Vectorizing All's Well That Ends Well... 1/27
Vectorizing Antony and Cleopatra... 2/27
Vectorizing As You Like It... 3/27
Vectorizing Cymbeline... 4/27
Vectorizing King Lear... 5/27
Vectorizing Loves Labours Lost... 6/27
Vectorizing Measure for Measure... 7/27
Vectorizing Much Ado About Nothing... 8/27
Vectorizing Othello the Moore of Venice... 9/27
Vectorizing Pericles Prince of Tyre... 10/27
Vectorizing Romeo and Juliet... 11/27
Vectorizing The Comedy of Errors... 12/27
Vectorizing The Life and Death of Julius Caesar... 13/27
Vectorizing The Merchant of Venice... 14/27
Vectorizing The Merry Wives of Windsor... 15/27
Vectorizing The Taming of the Shrew... 16/27
Vectorizing The Tempest... 17/27
Vectorizing The Tragedy of Coriolanus... 18/27
Vectorizing The Tragedy of Hamlet Prince of Denmark... 19/27
Vectorizing The Tragedy of Macbeth... 20/27
Vectorizing Timon of Athens... 21/27
Vectorizing Titus Andronicus... 22/27
Vectorizing Troilus and Cressida... 23/27
Vectorizing Twelfth Night..

In [35]:
def cosine_similarity (vector1, vector2):
    dot_product = np.dot(vector1, vector2)
    norm_vector1 = np.linalg.norm(vector1)
    norm_vector2 = np.linalg.norm(vector2)
    return dot_product / (norm_vector1 * norm_vector2)

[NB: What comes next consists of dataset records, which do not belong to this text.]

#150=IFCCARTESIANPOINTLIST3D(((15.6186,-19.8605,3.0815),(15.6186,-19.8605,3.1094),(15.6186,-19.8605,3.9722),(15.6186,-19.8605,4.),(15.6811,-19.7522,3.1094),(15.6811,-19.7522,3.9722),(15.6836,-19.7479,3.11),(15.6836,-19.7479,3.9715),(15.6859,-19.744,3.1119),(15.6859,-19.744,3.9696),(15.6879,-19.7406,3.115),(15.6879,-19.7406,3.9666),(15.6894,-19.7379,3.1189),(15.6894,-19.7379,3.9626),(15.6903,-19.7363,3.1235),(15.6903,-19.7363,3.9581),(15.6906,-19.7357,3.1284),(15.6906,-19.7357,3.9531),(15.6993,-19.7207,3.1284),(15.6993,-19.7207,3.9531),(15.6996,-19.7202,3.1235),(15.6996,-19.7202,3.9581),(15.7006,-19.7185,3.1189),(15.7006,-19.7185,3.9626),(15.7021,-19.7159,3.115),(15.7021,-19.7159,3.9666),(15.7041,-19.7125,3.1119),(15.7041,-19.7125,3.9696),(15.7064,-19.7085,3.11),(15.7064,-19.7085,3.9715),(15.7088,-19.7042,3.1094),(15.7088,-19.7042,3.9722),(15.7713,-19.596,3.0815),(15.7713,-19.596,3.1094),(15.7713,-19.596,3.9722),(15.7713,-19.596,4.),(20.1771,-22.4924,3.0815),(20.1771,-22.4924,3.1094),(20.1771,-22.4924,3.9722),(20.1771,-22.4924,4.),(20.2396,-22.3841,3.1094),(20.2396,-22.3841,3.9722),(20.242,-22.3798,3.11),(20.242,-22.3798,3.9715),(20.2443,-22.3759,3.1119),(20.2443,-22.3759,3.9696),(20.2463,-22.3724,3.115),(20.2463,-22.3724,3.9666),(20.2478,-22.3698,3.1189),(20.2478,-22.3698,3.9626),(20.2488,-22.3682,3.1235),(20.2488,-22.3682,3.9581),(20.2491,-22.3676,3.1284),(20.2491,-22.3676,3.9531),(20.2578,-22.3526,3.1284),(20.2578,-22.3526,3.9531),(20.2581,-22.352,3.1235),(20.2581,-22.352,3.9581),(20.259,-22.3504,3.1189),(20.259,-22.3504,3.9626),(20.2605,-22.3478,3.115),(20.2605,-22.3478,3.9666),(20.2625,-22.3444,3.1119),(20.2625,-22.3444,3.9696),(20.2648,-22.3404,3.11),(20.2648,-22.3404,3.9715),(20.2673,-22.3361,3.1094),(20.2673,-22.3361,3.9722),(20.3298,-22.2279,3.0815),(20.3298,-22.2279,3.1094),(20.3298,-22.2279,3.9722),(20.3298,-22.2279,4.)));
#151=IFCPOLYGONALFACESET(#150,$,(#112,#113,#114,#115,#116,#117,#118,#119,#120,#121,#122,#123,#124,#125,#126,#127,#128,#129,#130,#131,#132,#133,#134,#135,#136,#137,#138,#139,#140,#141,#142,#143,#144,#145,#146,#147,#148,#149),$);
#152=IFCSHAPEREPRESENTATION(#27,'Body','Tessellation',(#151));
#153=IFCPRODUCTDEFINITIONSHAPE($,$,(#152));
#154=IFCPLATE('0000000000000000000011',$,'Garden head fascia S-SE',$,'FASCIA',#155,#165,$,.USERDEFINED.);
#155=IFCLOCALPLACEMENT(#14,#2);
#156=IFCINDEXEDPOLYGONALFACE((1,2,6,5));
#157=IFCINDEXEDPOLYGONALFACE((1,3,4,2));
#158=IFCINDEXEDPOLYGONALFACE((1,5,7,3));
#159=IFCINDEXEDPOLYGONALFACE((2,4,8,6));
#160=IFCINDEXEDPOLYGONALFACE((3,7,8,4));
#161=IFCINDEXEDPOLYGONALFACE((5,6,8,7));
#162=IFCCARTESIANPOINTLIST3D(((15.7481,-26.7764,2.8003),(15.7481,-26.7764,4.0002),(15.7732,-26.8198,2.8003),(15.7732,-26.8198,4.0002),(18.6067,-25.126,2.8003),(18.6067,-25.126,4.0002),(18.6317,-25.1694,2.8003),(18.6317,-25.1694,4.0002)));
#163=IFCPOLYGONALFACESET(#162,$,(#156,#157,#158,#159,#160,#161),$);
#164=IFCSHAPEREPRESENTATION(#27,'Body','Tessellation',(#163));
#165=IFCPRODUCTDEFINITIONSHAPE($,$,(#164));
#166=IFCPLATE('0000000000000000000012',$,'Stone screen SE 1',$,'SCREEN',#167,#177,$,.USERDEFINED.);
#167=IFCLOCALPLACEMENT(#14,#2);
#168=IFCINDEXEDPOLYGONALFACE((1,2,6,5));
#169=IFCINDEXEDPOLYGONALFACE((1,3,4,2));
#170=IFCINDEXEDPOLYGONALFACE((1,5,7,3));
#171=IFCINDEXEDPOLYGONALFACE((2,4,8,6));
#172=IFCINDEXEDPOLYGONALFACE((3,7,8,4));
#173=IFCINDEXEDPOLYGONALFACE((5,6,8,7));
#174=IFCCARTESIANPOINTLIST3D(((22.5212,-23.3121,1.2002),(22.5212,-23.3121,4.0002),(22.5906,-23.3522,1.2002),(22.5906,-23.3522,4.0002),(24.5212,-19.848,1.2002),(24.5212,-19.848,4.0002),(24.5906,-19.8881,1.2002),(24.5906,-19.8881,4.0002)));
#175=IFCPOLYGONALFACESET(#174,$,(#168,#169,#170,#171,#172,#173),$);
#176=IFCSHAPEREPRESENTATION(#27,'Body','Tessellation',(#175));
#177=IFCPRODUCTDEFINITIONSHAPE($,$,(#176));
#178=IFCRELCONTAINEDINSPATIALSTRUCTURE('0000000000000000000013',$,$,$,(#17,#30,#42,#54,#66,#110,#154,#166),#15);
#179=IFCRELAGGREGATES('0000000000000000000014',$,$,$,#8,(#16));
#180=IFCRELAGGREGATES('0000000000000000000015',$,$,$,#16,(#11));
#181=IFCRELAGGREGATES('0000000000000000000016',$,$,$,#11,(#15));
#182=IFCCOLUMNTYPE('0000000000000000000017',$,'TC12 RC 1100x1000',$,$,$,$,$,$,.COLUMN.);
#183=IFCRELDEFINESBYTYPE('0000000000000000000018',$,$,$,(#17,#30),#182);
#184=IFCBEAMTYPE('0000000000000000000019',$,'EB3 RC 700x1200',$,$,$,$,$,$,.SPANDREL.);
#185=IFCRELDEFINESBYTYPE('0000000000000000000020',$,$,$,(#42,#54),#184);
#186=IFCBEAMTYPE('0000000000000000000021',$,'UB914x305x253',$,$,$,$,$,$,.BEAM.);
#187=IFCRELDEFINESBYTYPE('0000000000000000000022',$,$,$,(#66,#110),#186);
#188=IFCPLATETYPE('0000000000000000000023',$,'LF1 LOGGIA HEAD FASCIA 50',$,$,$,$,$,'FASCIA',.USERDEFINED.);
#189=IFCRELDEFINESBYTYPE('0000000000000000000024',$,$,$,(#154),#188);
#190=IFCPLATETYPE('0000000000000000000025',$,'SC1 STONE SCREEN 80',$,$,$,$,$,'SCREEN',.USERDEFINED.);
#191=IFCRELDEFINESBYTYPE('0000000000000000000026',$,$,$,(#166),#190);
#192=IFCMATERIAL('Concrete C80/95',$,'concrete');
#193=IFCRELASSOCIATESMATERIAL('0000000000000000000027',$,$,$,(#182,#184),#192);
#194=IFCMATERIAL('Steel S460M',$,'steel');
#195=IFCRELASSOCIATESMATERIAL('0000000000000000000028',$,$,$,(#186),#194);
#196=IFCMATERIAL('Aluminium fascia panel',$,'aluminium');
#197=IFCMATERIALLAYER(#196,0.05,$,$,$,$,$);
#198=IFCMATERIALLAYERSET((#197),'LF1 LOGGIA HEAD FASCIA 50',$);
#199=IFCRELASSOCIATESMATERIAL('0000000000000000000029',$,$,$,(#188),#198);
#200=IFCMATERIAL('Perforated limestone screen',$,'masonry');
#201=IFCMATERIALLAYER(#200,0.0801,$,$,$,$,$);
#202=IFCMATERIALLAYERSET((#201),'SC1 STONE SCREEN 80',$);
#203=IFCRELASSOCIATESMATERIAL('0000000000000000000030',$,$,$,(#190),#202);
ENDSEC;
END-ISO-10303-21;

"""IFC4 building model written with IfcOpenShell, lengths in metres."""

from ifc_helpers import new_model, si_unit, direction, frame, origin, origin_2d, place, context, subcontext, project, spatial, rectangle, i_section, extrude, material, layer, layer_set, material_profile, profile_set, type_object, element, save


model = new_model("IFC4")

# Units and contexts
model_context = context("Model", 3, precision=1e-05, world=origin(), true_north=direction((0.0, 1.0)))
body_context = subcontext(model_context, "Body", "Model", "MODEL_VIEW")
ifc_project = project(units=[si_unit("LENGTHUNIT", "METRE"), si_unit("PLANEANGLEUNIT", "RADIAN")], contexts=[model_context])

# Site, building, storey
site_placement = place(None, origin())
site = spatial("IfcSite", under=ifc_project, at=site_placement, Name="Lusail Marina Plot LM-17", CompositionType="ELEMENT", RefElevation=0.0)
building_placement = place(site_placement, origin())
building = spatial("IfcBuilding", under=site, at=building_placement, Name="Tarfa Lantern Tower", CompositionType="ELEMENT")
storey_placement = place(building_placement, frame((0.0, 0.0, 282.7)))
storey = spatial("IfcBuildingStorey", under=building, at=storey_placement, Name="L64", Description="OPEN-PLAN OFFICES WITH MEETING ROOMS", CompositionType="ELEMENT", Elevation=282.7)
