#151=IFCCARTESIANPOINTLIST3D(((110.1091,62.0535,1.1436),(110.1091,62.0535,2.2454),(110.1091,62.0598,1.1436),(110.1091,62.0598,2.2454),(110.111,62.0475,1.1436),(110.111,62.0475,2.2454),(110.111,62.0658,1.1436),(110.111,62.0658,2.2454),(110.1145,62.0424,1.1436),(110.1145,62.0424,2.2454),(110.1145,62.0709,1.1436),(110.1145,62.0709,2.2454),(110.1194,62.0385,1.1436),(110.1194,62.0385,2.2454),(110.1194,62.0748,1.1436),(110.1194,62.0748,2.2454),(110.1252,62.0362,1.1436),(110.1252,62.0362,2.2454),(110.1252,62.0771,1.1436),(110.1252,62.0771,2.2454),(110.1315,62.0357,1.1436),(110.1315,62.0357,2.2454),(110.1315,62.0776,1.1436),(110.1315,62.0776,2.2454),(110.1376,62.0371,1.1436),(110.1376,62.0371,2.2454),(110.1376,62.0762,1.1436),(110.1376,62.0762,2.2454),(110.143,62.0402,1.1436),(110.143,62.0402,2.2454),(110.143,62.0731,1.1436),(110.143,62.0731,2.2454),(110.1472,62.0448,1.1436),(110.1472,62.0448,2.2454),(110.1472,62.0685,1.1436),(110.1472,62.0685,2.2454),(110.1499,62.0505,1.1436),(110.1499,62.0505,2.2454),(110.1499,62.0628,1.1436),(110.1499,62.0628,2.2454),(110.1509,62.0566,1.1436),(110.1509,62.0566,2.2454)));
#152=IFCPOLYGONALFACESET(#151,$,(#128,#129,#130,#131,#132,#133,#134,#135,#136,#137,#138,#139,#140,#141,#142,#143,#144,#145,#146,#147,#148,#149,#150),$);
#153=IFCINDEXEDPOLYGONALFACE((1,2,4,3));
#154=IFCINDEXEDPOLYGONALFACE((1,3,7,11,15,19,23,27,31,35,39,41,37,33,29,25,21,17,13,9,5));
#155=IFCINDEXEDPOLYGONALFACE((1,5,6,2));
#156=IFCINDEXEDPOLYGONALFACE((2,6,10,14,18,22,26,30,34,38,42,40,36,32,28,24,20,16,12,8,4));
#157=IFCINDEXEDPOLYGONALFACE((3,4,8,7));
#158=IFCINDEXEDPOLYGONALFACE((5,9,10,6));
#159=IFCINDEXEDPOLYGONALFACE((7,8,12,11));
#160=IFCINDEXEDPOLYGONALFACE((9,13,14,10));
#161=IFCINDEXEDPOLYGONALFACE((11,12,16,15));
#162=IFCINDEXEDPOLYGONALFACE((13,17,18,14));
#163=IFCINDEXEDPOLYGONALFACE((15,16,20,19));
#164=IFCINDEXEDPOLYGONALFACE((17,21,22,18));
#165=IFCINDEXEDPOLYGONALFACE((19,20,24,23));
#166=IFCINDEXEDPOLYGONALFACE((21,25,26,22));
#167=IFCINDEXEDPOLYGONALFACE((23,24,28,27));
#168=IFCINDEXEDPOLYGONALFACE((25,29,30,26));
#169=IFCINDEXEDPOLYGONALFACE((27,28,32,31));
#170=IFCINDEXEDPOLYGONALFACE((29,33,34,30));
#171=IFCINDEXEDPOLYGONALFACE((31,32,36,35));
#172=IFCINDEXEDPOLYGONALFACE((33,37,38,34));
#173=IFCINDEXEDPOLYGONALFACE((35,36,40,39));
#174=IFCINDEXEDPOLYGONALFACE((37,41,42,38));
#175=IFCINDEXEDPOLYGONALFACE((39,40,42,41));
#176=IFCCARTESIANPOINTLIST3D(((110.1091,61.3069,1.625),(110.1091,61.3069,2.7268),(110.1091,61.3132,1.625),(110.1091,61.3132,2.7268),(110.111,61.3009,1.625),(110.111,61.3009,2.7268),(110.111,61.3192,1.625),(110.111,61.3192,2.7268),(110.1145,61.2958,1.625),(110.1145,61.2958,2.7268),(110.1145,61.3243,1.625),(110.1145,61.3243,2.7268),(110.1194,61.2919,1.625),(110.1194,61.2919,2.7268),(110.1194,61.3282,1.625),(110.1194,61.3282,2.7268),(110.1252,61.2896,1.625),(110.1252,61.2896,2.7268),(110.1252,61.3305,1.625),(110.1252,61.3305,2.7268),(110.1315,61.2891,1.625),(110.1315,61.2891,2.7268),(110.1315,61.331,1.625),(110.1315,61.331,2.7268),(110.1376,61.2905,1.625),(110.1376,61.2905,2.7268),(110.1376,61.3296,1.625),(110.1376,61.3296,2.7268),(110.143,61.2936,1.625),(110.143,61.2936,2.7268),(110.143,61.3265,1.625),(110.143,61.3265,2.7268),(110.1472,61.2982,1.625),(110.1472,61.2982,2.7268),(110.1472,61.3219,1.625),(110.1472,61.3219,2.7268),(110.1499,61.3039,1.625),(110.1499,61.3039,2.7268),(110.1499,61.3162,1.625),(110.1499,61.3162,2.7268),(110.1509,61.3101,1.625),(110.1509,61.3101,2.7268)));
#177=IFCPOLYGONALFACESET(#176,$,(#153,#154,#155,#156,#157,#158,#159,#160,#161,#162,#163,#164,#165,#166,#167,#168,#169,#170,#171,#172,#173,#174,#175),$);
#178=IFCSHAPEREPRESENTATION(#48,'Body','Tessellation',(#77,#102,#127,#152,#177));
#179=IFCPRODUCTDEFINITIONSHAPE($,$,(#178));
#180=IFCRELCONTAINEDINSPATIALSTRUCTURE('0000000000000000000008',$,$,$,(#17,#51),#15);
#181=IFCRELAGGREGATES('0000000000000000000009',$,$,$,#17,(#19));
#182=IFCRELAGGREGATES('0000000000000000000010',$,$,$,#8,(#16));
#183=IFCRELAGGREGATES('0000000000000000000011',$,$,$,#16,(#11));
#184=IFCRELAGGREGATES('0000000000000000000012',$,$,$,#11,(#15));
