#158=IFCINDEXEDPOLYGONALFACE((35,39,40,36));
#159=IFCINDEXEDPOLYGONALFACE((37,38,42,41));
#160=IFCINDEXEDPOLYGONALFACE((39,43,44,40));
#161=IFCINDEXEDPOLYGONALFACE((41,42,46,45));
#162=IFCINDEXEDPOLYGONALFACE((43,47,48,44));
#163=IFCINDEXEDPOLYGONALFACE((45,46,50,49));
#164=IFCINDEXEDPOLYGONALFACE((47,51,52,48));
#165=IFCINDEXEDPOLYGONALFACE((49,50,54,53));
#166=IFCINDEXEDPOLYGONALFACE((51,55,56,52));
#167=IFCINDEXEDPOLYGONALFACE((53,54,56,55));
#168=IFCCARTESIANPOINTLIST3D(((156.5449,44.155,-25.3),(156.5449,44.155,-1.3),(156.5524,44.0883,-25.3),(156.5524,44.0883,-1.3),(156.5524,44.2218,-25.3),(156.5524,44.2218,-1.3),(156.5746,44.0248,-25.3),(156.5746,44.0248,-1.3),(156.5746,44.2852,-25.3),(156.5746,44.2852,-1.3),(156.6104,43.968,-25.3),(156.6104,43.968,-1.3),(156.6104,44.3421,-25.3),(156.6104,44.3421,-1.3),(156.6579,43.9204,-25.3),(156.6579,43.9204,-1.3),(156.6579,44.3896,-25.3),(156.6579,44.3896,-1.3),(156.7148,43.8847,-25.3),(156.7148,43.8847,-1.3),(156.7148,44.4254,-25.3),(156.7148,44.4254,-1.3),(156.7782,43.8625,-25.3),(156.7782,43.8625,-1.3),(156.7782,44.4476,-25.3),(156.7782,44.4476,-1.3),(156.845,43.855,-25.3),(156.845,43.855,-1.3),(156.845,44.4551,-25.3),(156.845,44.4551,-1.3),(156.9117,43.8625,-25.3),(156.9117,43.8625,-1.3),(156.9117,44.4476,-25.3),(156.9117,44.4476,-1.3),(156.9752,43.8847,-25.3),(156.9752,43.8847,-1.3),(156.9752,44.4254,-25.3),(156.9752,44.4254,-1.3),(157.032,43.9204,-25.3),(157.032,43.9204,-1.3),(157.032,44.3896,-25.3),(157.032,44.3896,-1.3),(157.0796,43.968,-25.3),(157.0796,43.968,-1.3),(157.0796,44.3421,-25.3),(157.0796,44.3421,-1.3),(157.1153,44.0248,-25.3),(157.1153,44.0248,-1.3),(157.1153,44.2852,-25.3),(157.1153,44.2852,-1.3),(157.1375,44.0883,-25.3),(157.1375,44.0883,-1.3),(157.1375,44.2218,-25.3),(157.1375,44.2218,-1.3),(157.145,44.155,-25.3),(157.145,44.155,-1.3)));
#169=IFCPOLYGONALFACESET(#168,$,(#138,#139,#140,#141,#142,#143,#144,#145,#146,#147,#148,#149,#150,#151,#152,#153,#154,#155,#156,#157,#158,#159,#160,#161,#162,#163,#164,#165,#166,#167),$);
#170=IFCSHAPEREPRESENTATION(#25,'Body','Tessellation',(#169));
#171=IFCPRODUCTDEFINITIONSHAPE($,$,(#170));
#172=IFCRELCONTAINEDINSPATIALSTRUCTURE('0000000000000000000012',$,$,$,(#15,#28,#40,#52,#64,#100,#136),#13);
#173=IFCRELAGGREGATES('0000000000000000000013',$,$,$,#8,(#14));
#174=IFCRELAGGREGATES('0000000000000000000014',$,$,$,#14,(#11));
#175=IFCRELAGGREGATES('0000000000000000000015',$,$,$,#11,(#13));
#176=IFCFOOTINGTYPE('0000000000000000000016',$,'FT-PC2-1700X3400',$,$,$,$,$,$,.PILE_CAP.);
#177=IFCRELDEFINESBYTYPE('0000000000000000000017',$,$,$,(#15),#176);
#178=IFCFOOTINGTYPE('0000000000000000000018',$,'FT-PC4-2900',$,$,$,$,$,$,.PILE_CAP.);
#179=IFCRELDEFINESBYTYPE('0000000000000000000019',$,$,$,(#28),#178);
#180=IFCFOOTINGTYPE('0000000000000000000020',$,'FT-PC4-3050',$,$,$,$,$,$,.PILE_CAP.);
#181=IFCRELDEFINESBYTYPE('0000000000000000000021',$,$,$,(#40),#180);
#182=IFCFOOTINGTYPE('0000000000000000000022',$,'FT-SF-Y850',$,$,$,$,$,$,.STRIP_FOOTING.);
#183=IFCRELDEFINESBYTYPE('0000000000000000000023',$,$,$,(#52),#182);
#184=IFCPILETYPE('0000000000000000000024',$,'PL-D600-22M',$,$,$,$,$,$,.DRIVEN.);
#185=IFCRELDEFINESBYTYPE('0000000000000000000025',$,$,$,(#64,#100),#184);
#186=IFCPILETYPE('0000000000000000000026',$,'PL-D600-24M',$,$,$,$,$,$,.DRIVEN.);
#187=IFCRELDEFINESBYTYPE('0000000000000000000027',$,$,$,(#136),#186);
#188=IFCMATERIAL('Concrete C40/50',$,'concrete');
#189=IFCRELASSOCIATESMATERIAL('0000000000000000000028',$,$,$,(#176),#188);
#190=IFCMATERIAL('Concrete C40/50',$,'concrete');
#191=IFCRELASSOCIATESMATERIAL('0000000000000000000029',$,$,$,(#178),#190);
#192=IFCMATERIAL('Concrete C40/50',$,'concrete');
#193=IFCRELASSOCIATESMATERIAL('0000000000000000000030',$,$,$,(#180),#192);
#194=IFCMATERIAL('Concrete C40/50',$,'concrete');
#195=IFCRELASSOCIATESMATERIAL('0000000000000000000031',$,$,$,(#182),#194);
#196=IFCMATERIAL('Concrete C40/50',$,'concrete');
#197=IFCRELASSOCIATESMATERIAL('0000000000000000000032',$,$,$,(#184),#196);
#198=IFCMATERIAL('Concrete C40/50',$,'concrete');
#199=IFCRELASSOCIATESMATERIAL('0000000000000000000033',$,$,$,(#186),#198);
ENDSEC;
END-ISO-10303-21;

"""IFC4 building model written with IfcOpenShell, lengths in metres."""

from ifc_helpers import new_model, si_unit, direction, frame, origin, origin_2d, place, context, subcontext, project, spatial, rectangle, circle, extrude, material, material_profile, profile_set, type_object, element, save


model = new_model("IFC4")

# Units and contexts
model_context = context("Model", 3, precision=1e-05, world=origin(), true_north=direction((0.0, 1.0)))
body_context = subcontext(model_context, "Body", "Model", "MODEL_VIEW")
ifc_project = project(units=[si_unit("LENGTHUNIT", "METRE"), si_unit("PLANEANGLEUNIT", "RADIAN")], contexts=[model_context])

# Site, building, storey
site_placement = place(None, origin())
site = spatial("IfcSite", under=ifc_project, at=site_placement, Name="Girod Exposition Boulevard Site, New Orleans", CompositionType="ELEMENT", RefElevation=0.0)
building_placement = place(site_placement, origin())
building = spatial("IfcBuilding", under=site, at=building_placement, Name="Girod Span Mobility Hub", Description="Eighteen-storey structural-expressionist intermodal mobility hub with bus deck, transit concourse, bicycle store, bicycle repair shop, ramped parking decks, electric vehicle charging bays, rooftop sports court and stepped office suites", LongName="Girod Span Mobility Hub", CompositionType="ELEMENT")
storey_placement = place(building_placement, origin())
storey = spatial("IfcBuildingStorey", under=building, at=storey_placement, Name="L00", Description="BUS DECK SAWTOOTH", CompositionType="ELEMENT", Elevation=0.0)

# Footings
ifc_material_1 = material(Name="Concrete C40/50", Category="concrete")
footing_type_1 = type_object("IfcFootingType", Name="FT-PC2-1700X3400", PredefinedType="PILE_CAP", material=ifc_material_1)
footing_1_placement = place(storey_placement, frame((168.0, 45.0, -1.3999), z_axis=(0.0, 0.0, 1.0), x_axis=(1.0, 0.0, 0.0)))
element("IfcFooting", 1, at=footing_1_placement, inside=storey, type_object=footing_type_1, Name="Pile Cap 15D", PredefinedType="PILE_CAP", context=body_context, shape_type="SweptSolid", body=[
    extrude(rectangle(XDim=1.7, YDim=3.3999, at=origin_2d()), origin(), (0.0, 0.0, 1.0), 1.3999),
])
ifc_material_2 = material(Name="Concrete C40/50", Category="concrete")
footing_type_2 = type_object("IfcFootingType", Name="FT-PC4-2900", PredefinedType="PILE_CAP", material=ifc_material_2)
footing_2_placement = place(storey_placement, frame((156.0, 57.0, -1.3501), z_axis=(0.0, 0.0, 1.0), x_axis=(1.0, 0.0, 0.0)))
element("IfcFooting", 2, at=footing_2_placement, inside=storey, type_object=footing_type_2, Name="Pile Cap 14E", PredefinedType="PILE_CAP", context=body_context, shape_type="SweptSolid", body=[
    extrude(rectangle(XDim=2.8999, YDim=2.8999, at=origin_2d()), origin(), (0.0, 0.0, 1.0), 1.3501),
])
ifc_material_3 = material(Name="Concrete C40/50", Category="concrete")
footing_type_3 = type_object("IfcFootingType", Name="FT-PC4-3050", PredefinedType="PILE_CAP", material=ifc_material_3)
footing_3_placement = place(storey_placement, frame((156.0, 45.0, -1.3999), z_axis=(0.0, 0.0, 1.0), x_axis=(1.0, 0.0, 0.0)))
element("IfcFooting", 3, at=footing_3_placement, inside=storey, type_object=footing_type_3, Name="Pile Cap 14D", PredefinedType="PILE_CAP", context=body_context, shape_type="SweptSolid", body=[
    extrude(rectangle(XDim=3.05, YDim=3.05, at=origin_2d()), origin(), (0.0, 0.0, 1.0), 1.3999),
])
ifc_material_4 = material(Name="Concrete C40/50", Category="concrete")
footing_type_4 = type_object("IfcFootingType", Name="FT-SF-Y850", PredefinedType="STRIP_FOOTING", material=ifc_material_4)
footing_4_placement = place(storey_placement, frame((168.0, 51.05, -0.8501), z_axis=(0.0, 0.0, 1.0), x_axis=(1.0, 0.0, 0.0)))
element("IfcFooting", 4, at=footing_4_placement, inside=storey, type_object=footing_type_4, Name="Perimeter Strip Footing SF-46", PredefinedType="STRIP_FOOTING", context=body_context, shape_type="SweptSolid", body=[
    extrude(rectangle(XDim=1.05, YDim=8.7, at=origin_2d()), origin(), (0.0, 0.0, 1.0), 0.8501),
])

corpus_length = len(files)
average_doc_length = sum([len(d) for d in files.values()]) / corpus_length
def check_document_relevance(query):
    class Relevance:
        def __init__(self, name, similarity):
            self.name = name
            self.similarity = similarity

    query_tokens = query.lower().translate(str.maketrans('', '', string.punctuation)).split()
    query_vector = bm25_vectorizer(query_tokens, full_vocab, files.values(), corpus_length=corpus_length, average_doc_length=average_doc_length)
    print(f'Relevance for "{query}":')
    print('--------------')
    top_answers = [Relevance(name, cosine_similarity(query_vector, vectors[name])) for name in vectors]
    top_answers.sort(key=lambda x: x.similarity, reverse=True)
    for answer in top_answers[:5]:
        print(f'{answer.name}: {answer.similarity}')
    print()

In [37]:
check_document_relevance("Which play has three witches?")
check_document_relevance("Which play has a friar as an important character?")
check_document_relevance("Which play has a character named Caesar?")
check_document_relevance("Caesar?")
check_document_relevance("Which play is set in Denmark?")

Relevance for "Which play has three witches?":
--------------
The Comedy of Errors: 0.046227095367736955
The Tragedy of Macbeth: 0.045913790816210893
Twelfth Night: 0.0003240812381666201
All's Well That Ends Well: 0.0003175582201290583
Timon of Athens: 0.0003049081655583579

Relevance for "Which play has a friar as an important character?":
--------------
Much Ado About Nothing: 0.03270930487018254
Measure for Measure: 0.032399563849089555
Romeo and Juliet: 0.021691265120807567
Two Gentlemen of Verona: 0.02063497593366803
All's Well That Ends Well: 0.01723354767858958

Relevance for "Which play has a character named Caesar?":
--------------
Measure for Measure: 0.021260249293138158
Cymbeline: 0.018468163575386397
The Life and Death of Julius Caesar: 0.017032372573670268
Twelfth Night: 0.015455845460253321
The Tragedy of Hamlet Prince of Denmark: 0.015327980459987666

Relevance for "Caesar?":
--------------
The Life and Death of Julius Caesar: 0.0274850129556844
Antony and Cleopatra: 0.

This seems to actually perform worse for "sentence similarity". It's possible that reducing the impact of very common terms is causing the model to miss the most important terms in the search query (and allowing them to be swamped by less important terms). TF-IDF appears better at determining relevance for a question with a lot of "filler" words whereas BM25 is better at determining relevance for a question with fewer, more important words. Adjusting the K and B parameters in BM25 could help with this.